I've considered Grazonnext - but it has a residual whereas 2,4d and Pasturegard do not (as I understand and read it). I didn't see speedwell listed on grazonnext as one of the weeds it takes out - need to look again. I know that the label for 2,4-d lists doesn't square with all the weeds it will kill - grazon is probably the same.

Thanks again,
Bill


----------



## Hayman1

leeave96 said:


> Rick - thanks!
> 
> I've considered Grazonnext - but it has a residual whereas 2,4d and Pasturegard do not (as I understand and read it). I didn't see speedwell listed on grazonnext as one of the weeds it takes out - need to look again. I know that the label for 2,4-d lists doesn't square with all the weeds it will kill - grazon is probably the same.
> 
> Thanks again,
> Bill


one of the biggest headaches I have had with my current timothy is speedwell. the Dow rep said that GN would get it and it appears wilted. Sprayed this past Wed. of course, last nights 30 did not help herbicide to work but I think the damage was already done to the speedwell and now it is a matter of time. Surprisingly, the last thing to wilt was the volunteer clover in the field. We will see what survived by next weekend after it warms back up for about 4 nights.


----------



## PaCustomBaler

Bill, I always hit fall Timothy seedings the following spring (mid-April) with 2,4-d without any crop damage. 2 pints/acre with surfactant

As for the Sevin, we researched and found that as long as we maintain high levels of fertility in the timothy stands, it helps to build plant sugar levels and the mite's metabolism can't handle the high sugar levels. Science is a wonderful thing.

But if you're fertility is low, definitely zap it with Sevin.


----------



## Hayman1

PaCustomBaler said:


> Bill, I always hit fall Timothy seedings the following spring (mid-April) with 2,4-d without any crop damage. 2 pints/acre with surfactant
> 
> As for the Sevin, we researched and found that as long as we maintain high levels of fertility in the timothy stands, it helps to build plant sugar levels and the mite's metabolism can't handle the high sugar levels. Science is a wonderful thing.
> But if you're fertility is low, definitely zap it with Sevin.
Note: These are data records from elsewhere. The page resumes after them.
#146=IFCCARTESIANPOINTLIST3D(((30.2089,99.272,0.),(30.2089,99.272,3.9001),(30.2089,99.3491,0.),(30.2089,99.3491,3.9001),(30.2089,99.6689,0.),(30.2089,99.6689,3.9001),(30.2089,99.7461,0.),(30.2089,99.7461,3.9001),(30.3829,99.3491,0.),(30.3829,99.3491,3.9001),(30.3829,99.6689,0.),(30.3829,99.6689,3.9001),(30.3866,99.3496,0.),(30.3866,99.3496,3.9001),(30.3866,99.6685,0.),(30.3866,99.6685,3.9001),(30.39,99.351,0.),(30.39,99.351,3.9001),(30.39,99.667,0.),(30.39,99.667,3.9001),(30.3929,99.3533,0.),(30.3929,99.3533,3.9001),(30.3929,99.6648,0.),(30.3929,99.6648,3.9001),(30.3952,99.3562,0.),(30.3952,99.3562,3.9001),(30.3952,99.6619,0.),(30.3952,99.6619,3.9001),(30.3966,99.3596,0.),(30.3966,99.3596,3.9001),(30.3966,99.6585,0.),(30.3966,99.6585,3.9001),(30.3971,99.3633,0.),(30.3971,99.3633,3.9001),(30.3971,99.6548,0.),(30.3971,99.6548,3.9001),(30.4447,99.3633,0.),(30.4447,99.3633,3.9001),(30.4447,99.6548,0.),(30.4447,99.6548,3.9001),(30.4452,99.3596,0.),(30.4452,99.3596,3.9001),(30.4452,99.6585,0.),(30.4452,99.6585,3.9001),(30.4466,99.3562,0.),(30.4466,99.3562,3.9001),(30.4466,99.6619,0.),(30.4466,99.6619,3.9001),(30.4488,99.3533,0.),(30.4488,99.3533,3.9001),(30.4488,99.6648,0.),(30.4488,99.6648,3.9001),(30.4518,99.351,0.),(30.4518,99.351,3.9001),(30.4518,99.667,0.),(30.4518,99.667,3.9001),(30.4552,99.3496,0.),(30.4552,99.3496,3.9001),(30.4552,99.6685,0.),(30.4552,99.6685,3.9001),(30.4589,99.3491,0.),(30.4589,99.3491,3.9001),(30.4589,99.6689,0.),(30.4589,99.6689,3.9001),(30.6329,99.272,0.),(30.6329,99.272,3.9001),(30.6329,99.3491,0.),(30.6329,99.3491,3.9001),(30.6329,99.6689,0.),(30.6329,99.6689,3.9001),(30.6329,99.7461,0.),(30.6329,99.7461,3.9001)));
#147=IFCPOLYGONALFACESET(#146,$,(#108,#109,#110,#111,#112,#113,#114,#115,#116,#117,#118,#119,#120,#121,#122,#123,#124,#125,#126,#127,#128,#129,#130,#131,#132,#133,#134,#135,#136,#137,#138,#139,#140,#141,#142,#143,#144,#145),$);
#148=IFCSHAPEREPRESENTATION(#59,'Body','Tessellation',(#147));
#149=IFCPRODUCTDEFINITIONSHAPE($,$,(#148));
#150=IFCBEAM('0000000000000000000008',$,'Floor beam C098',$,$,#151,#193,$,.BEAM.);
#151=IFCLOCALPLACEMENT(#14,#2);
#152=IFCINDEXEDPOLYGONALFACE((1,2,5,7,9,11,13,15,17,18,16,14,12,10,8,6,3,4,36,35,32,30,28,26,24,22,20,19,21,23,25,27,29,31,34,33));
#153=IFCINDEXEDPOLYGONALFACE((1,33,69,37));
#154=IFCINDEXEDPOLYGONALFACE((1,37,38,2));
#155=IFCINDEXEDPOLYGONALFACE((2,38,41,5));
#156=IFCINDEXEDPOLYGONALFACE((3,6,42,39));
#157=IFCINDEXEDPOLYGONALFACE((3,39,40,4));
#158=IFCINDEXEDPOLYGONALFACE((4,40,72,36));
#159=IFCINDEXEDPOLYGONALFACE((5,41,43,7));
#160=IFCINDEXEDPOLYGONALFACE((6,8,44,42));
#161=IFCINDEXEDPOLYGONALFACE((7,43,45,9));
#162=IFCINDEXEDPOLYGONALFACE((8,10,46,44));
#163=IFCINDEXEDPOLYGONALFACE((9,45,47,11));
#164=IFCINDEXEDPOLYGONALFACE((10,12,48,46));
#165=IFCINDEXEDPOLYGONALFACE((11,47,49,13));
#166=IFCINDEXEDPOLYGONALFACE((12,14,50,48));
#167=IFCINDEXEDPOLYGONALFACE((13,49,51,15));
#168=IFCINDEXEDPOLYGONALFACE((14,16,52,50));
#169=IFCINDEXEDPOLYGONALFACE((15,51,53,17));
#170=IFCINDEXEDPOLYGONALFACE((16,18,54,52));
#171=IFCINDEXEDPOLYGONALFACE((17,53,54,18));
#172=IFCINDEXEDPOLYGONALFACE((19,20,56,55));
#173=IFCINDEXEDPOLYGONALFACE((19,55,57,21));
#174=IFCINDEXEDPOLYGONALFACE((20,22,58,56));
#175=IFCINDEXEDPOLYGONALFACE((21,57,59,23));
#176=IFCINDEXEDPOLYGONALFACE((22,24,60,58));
PA- interesting note on sugar- I maintain very high fertility levels but have still had mites. Maybe because we are further south it is different


----------



## BCRick

Pure stands of timothy grown for seed or just forage can be treated with Badge II (bromoxynil + MCPA). From what I understand both bromoxynil & MCPA can be bought separately and tank mixed. Zero residual and almost impossible to hurt any kind of grass, worst you can do is set the grass back 'bout two weeks, plays heck on broadleafs though!

BCRick


----------



## BCRick

One thing I forgot to mention is Badge II is from an Isreali company Adama, its a knock off and very inexpensive compared to other better known herbicides, it does work as well as them though.

BCRick


----------